Le mental étant le réceptacle des maux, réels, arrangés ou inventés, il faut surtout ne pas chercher à analyser logiquement directement par ce mental, c’est ici l’inverse de la pensée scientiste qui tend à subdiviser, à séparer chaque élément pour les décortiquer, ici on préfère avoir une vue d’ensemble, un recul englobant la situation pour mieux l’appréhender in extenso, de manière holistique en pleine conscience. La complexification de l’analyse des maux nuit indubitablement à la fluidité d’un ressenti plus unifié, global et presque de facto universel. Au même titre, lorsque le chaman induit de son côté cet état modifié de conscience en lui, il le donne et le transmet, tout comme le thérapeute discret dont la présence s’estompe jusqu’à devenir invisible en proposant l’auto-hypnose à son patient. N’oublions pas que le chaman est avant tout un "medicine man", qu’il reconnait le corps comme transmetteur primordial pour accéder à l’esprit, il en a été témoin dans sa propre quête où il s’est vu renaitre d’ultimes douleurs physiques dans son démembrement initiatique pour arriver à la plénitude de l’esprit assortie d’une forme de conscience universelle, ce qui définit l’essence même de la spiritualité et du respect de la vie en soi et pour autrui.

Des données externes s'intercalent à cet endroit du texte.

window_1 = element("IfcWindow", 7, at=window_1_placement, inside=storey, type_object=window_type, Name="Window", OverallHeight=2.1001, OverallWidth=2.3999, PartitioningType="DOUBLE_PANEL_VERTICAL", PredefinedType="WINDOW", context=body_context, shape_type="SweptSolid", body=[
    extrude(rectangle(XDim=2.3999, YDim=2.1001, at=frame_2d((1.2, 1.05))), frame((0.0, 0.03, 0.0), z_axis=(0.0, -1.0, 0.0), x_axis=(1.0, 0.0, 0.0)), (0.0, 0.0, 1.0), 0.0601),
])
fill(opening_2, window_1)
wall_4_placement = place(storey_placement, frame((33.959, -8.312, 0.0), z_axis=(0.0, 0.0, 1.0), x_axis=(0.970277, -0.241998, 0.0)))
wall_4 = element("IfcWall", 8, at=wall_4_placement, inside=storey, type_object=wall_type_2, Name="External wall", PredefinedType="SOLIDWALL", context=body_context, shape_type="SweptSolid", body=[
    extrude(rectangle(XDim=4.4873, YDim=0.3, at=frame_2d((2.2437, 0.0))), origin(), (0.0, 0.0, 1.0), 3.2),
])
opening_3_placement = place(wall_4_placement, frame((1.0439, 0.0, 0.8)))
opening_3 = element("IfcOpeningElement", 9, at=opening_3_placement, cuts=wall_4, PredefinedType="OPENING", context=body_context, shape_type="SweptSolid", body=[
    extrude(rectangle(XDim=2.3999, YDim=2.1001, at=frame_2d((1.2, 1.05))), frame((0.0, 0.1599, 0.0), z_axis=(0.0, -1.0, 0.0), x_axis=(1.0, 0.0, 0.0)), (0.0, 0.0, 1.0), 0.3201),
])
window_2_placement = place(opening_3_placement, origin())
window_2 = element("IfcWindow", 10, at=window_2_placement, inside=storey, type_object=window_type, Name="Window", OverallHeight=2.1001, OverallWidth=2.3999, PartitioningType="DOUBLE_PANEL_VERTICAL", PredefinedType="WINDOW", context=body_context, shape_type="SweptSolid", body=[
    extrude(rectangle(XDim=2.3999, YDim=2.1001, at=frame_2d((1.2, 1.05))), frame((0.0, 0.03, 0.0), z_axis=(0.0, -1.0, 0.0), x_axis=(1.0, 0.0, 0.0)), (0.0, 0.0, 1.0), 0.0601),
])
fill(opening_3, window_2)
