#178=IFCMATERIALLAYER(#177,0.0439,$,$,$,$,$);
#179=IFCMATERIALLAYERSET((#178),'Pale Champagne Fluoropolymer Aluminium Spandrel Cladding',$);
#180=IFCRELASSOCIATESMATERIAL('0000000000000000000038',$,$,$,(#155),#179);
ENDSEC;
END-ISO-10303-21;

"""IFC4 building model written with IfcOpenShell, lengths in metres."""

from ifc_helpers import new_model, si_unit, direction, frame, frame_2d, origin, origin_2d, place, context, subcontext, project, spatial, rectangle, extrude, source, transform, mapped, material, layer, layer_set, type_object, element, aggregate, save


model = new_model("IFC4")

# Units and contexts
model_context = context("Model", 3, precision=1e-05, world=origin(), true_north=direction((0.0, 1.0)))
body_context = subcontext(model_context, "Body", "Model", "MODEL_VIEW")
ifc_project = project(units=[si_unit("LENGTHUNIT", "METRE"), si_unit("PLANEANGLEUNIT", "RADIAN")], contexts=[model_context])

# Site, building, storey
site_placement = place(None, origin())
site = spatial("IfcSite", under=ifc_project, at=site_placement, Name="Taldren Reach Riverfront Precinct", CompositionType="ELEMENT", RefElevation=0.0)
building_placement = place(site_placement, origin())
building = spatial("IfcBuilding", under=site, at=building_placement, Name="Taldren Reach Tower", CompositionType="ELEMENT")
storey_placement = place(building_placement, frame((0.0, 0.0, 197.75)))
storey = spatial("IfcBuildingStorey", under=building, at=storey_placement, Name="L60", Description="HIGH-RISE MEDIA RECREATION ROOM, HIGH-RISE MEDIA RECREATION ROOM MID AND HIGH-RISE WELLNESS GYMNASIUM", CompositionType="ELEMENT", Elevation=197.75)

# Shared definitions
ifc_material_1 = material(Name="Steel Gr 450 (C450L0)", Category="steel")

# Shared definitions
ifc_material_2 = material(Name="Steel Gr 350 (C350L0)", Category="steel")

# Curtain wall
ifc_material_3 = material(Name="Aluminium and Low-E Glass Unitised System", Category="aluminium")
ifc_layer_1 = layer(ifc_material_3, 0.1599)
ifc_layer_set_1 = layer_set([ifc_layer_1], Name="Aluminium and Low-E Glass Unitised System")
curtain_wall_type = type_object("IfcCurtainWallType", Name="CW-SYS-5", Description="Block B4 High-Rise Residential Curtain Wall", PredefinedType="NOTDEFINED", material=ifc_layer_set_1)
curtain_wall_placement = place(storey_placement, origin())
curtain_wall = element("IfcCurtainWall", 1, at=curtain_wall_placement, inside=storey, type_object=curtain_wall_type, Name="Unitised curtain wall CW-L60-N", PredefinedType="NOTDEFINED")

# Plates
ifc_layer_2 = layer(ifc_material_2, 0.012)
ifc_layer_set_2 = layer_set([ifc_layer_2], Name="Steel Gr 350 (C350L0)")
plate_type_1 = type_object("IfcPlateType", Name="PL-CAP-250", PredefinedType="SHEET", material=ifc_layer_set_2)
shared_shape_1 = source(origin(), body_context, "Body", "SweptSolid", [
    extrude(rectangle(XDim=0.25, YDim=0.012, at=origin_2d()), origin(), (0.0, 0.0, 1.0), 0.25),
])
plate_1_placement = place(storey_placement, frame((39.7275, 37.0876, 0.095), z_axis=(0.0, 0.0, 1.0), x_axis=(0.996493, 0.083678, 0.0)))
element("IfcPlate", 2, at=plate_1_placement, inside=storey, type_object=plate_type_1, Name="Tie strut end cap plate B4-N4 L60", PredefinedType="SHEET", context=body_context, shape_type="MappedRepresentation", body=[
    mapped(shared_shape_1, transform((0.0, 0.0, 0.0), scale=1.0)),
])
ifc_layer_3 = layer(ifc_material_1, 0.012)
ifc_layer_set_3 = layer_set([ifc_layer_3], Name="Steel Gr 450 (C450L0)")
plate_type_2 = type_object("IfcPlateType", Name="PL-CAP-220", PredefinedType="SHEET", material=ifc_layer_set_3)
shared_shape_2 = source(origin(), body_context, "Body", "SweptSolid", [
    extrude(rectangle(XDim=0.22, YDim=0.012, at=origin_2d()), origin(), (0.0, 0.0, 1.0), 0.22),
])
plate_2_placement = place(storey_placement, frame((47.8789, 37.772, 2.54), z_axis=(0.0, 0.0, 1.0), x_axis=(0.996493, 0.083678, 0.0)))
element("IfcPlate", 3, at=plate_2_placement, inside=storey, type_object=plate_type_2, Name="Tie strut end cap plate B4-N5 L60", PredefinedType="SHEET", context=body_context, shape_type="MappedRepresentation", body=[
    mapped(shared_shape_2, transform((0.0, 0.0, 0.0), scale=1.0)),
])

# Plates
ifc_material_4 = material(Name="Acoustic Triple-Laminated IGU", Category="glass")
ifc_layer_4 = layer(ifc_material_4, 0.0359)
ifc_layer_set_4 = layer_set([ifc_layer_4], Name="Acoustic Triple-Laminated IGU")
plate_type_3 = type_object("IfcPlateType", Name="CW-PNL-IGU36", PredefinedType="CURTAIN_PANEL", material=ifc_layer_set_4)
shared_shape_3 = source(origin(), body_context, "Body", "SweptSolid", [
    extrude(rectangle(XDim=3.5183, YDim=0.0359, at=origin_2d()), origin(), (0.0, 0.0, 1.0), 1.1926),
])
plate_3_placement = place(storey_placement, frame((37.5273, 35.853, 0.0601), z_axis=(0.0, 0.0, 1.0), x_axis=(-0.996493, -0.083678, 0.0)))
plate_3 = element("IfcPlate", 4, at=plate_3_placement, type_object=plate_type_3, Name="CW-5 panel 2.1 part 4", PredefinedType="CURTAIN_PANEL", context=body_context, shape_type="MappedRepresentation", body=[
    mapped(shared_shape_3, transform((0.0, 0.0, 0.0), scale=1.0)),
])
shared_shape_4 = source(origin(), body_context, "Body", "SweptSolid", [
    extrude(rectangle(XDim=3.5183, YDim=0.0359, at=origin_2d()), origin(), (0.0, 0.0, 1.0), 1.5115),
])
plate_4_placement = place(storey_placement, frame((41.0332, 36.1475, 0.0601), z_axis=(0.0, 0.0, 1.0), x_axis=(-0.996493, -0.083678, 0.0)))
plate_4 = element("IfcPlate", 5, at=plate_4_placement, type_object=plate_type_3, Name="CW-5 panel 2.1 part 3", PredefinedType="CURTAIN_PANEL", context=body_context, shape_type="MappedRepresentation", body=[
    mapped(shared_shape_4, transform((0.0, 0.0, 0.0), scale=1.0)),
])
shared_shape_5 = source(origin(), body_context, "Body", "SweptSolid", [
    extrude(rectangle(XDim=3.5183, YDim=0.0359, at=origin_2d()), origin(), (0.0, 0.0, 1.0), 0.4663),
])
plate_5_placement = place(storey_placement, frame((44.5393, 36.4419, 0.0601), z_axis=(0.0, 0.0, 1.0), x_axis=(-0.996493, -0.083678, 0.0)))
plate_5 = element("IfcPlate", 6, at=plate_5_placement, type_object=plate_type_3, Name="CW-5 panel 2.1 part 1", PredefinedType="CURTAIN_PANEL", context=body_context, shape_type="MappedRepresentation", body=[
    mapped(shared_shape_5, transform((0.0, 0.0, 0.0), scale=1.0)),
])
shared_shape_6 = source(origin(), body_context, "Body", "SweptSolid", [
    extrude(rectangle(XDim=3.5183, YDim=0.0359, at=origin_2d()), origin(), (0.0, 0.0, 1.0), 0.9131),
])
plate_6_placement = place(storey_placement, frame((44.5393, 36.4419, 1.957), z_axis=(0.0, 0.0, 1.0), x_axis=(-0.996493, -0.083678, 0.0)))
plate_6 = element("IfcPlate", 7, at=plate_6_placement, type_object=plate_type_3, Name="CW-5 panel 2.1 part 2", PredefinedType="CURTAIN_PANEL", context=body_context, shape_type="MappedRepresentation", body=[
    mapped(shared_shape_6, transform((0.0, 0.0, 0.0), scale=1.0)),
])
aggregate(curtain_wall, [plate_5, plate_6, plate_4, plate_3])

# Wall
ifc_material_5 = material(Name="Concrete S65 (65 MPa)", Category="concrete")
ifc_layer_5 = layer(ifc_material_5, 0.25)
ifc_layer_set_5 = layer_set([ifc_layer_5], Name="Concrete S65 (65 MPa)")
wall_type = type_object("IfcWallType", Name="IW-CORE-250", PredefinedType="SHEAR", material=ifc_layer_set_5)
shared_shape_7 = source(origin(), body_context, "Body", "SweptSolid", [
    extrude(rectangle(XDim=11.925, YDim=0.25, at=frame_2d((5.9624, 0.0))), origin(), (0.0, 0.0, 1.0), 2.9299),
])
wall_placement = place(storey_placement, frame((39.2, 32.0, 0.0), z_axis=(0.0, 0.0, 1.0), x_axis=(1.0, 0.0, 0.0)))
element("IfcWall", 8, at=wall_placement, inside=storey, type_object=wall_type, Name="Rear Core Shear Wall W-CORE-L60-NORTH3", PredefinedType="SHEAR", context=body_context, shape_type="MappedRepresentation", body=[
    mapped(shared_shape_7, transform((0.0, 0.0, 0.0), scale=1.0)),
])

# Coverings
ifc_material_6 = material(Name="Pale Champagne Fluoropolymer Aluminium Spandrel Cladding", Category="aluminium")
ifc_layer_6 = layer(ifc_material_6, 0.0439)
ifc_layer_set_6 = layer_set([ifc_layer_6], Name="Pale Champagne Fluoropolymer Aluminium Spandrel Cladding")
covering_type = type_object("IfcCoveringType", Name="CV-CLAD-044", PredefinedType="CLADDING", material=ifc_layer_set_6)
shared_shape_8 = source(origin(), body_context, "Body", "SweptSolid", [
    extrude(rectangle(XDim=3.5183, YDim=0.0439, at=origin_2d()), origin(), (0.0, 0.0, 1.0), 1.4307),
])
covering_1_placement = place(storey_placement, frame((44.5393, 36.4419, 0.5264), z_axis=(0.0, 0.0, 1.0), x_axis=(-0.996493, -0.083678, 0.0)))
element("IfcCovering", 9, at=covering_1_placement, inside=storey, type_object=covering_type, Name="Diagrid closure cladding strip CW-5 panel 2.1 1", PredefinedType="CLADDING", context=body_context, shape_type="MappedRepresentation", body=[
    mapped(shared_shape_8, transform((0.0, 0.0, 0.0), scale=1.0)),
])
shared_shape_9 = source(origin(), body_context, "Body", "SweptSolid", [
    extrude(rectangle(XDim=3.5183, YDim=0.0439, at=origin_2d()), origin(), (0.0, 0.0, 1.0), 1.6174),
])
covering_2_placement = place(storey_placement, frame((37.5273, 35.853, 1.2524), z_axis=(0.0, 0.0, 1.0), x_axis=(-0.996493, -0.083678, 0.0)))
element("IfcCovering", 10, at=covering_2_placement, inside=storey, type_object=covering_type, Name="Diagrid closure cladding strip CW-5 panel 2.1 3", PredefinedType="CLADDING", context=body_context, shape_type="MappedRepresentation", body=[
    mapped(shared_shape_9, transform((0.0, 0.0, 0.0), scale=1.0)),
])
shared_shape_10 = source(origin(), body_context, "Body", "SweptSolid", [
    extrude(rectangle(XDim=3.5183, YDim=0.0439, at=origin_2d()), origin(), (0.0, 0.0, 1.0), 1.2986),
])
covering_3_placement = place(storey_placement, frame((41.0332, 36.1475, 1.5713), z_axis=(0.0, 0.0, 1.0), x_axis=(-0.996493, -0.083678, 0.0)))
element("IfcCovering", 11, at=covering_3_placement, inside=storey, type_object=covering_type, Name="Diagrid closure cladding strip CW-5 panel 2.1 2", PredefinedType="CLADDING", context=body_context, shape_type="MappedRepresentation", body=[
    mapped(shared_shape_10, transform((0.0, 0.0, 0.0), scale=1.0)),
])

Jean-Pascal BRUNO, sorcier chaman professionnel

Note (1) : Un placebo ou placébo (du latin placebō : « je plairai », de placeō : « je plais ») est un procédé thérapeutique n'ayant pas d'efficacité propre ou spécifique mais agissant sur le patient par des mécanismes psychologiques et physiologiques. (Dixit Wikipédia)

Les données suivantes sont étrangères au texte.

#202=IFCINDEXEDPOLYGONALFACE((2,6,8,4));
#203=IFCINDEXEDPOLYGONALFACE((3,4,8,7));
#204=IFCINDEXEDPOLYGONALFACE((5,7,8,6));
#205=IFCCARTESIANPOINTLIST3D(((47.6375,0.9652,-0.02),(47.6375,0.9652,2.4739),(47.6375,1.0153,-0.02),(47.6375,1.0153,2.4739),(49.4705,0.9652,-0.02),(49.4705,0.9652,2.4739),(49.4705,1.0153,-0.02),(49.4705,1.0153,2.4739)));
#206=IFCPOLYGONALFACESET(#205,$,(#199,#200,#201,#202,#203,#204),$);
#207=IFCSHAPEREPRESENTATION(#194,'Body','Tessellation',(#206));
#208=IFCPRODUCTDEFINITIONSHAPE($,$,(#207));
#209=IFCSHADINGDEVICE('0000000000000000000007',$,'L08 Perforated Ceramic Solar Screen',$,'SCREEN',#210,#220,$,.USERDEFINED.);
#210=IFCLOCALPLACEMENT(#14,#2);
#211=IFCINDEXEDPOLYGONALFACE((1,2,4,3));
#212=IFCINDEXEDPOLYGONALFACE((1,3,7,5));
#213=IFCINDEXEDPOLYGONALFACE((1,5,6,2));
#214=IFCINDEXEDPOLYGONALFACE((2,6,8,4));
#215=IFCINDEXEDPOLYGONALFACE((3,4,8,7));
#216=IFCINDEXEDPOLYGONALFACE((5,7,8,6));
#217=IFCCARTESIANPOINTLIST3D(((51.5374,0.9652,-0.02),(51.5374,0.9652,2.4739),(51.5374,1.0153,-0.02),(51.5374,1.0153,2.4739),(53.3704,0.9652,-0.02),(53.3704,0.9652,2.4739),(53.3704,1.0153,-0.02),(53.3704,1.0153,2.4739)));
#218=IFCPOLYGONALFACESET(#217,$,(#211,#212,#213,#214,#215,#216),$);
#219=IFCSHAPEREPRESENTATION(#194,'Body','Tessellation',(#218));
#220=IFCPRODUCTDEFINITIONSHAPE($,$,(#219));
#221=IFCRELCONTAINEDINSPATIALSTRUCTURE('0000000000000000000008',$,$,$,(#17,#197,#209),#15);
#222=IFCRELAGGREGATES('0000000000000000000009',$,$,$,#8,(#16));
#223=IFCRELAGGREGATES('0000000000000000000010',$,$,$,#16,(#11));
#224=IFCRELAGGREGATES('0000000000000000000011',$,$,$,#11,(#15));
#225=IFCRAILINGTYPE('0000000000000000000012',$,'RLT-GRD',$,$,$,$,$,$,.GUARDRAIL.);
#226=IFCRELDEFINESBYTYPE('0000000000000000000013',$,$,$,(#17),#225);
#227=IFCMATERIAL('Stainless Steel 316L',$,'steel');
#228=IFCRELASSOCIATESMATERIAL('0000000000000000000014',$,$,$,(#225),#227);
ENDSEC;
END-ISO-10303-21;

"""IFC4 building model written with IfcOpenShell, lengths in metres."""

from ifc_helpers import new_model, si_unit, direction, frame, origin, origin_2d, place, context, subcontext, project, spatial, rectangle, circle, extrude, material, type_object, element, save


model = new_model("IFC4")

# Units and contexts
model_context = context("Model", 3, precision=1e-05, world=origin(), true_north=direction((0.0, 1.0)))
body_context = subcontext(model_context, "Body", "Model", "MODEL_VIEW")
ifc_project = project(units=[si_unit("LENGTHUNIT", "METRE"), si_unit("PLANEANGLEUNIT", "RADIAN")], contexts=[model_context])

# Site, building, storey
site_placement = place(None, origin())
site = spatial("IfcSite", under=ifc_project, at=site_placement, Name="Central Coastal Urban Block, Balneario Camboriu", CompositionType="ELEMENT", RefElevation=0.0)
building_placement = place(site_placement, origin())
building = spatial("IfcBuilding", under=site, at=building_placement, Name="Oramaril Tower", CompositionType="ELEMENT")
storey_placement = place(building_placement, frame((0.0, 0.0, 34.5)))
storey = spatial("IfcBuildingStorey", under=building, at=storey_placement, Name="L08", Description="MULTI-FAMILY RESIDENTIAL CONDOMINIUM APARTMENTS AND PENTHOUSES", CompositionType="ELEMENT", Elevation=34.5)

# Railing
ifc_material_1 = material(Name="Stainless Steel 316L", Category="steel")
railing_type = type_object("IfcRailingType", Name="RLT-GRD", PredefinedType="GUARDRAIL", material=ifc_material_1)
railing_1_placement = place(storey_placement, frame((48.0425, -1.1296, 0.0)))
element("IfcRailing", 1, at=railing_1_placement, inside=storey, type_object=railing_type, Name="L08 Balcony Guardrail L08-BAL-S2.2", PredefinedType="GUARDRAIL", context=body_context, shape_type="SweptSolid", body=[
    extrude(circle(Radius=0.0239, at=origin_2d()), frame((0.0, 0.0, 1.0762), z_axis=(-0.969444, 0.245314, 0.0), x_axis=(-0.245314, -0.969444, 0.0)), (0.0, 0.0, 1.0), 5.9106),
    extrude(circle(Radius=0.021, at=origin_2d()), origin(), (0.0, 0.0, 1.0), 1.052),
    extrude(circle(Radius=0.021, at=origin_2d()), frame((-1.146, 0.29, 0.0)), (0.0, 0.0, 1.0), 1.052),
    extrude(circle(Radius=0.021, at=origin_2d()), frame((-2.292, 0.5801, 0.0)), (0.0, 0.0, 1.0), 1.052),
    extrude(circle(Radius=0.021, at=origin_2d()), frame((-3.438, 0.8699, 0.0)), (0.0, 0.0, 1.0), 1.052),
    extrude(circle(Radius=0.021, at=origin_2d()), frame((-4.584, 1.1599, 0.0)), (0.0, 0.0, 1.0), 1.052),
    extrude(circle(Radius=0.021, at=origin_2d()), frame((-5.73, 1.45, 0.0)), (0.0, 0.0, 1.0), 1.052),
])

Note (2) PNL et modèles VAKOG : La PNL, "Programmation neuro-linguistique" se présente comme l'étude des processus comportementaux acquis, considérés comme une Programmation Neurologique représentée par la Linguistique. S'intéressant exclusivement aux informations émises sans interpréter les causes, la PNL formalise des protocoles permettant l'exploration et l'évolution de ces structures comportementales. Le modèle dit des "canaux sensoriels" (ou VAKOG, acronyme pour : Visuel, Auditif, Kinesthésique, Olfactif, Gustatif) pose que la relation au monde extérieur passe nécessairement par au moins l’un des cinq sens. (Dixit Wikipédia)

Note (3) Livres de référence : pour François Roustang "La fin de la plainte", "Influence", "Il suffit d’un geste", et pour Bernard Sensfelder "Votre corps en sait plus que votre cerveau" et "Vaincre peur et culpabilité grâce à l'auto-hypnose et aux neurosciences".